Contrairement au taux de chômage qui enregistre le pourcentage de la population qui ne trouve pas d’emploi dans la population active, la définition des NEET enregistre donc quant à elle la part de la population représentée par l’ensemble des jeunes qui ne sont ni engagés sur le marché du travail ni dans le système éducatif (Eurofound 2012). Entrent donc dans cette catégorie sociale des jeunes dont les réalités de vie sont très diverses. L’écart est immense entre ceux qui maîtrisent leur situation (car liée à un choix de vie, tel que les jeunes qui voyagent en attendant de s’engager dans la vie professionnelle), ceux qui sont temporairement dans la catégorie (pas encore d’emploi après leur parcours de formation) et ceux qui, au contraire, sont dans un état de très grande vulnérabilité et de désaffiliation professionnelle et sociale (malade, au chômage, handicapé...). C’est pourquoi certains auteurs considèrent que cette catégorie est imparfaite et qu’il devrait apparaître plus clairement que différentes ressources et opportunités sont à la disposition des différents groupes5.

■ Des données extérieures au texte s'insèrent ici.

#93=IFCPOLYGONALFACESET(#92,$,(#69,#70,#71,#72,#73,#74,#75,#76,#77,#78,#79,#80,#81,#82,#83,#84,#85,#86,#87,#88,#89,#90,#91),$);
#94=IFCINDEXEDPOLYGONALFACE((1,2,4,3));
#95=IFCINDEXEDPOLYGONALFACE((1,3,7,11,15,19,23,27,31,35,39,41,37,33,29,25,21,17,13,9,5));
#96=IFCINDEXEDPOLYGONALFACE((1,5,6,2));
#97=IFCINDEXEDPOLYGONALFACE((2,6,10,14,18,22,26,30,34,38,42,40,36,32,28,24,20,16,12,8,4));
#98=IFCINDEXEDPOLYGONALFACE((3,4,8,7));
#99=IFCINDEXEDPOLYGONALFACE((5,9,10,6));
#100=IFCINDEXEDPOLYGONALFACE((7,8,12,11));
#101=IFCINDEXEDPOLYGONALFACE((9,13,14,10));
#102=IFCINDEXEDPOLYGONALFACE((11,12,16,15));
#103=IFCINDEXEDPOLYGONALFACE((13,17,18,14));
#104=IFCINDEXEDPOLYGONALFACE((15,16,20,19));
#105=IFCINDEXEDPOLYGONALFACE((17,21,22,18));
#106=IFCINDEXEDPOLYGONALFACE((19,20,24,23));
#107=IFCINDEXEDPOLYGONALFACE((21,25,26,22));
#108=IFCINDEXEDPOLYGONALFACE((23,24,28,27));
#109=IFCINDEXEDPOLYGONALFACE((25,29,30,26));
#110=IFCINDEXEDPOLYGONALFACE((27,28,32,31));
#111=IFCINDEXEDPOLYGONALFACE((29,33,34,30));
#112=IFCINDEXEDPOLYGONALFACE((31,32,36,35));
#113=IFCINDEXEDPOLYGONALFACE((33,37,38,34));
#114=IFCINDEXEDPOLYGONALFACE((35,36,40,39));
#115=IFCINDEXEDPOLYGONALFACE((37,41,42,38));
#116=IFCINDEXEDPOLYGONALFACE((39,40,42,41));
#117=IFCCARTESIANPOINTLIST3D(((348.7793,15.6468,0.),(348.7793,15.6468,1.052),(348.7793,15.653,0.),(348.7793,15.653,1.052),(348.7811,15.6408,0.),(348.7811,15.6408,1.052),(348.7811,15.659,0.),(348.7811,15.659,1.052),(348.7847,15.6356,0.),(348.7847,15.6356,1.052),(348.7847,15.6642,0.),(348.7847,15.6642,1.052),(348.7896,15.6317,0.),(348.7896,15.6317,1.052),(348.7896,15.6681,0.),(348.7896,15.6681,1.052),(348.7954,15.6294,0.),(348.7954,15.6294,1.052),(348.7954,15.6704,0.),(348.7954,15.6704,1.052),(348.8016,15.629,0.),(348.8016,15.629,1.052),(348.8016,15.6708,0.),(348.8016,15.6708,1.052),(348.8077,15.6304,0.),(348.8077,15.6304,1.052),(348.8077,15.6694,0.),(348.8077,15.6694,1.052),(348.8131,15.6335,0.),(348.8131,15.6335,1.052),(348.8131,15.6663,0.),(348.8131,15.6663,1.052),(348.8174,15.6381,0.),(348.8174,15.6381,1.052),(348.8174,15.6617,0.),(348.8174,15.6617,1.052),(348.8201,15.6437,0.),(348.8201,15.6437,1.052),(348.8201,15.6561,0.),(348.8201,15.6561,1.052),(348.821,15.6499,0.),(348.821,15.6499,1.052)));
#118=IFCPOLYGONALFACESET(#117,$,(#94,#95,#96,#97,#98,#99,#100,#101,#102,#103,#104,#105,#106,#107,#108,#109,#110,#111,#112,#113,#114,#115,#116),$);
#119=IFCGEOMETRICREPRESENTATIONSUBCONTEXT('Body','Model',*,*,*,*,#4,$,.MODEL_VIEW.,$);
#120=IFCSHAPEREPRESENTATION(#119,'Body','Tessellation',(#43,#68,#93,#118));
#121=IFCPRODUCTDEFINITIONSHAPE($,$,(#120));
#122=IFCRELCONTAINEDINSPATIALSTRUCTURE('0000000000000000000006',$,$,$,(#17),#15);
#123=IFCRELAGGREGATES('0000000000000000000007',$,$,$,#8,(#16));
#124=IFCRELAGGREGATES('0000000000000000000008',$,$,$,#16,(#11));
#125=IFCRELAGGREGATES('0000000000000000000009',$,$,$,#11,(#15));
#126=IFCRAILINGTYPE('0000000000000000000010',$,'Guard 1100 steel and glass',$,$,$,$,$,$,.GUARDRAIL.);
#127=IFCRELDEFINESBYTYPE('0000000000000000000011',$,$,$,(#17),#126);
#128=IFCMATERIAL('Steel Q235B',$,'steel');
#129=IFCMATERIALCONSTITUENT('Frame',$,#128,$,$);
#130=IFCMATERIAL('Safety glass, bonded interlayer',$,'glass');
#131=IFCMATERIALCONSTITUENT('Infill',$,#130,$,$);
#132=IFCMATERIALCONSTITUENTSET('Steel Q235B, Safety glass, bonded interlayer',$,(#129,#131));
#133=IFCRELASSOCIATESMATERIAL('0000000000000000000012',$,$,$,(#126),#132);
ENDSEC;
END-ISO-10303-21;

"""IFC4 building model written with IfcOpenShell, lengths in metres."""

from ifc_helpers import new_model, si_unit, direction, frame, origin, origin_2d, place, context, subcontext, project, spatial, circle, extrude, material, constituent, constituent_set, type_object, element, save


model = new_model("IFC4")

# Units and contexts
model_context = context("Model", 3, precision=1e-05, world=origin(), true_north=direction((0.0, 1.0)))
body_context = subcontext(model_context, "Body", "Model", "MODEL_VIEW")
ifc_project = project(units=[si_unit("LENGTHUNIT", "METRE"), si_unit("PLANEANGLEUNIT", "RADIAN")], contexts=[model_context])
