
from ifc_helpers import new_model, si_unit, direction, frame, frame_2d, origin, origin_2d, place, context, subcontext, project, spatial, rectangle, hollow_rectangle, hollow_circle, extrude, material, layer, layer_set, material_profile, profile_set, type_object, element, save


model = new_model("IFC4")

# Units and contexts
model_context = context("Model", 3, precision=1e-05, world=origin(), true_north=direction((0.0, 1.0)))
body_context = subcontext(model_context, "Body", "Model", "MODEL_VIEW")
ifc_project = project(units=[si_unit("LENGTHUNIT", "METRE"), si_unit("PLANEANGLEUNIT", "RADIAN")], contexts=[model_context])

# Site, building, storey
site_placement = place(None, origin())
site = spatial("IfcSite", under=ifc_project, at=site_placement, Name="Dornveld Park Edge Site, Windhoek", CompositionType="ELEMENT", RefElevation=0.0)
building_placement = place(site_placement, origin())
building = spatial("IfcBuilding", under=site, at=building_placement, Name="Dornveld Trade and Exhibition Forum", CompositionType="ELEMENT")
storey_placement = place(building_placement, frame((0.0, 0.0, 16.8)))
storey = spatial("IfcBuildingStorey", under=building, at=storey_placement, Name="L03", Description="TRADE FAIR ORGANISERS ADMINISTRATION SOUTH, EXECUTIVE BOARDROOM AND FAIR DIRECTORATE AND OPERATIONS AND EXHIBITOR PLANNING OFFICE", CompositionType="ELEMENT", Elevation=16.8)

Selon Furlong, le fait d’avoir remplacé le concept de taux de chômage des jeunes par celui des NEET pour orienter les politiques a conduit à une situation où l’agrégation de catégories d’expérience distinctes en une seule et unique catégorie générale (NEET) oblige, paradoxalement, à « désagréger » pour comprendre ou pour cibler efficacement les politiques6. Cela risque également de limiter la mesure de la vulnérabilité à l’emploi et à la formation, et de ce fait de masquer d’autres paramètres de vulnérabilité, pas moins importants, de nature sociale et collective. De plus, la segmentation administrativo-statistique du concept de NEET risque d’installer des cloisons entre les différents dispositifs et politiques. Cette imperméabilité des dispositifs les uns par rapport aux autres pourrait présenter des effets pervers sur les parcours d’intégration conçus de manière linéaire, empêchant (ou à tout le moins n’encourageant pas) les dispositifs (et organisations) à collaborer entre eux, au détriment des jeunes7.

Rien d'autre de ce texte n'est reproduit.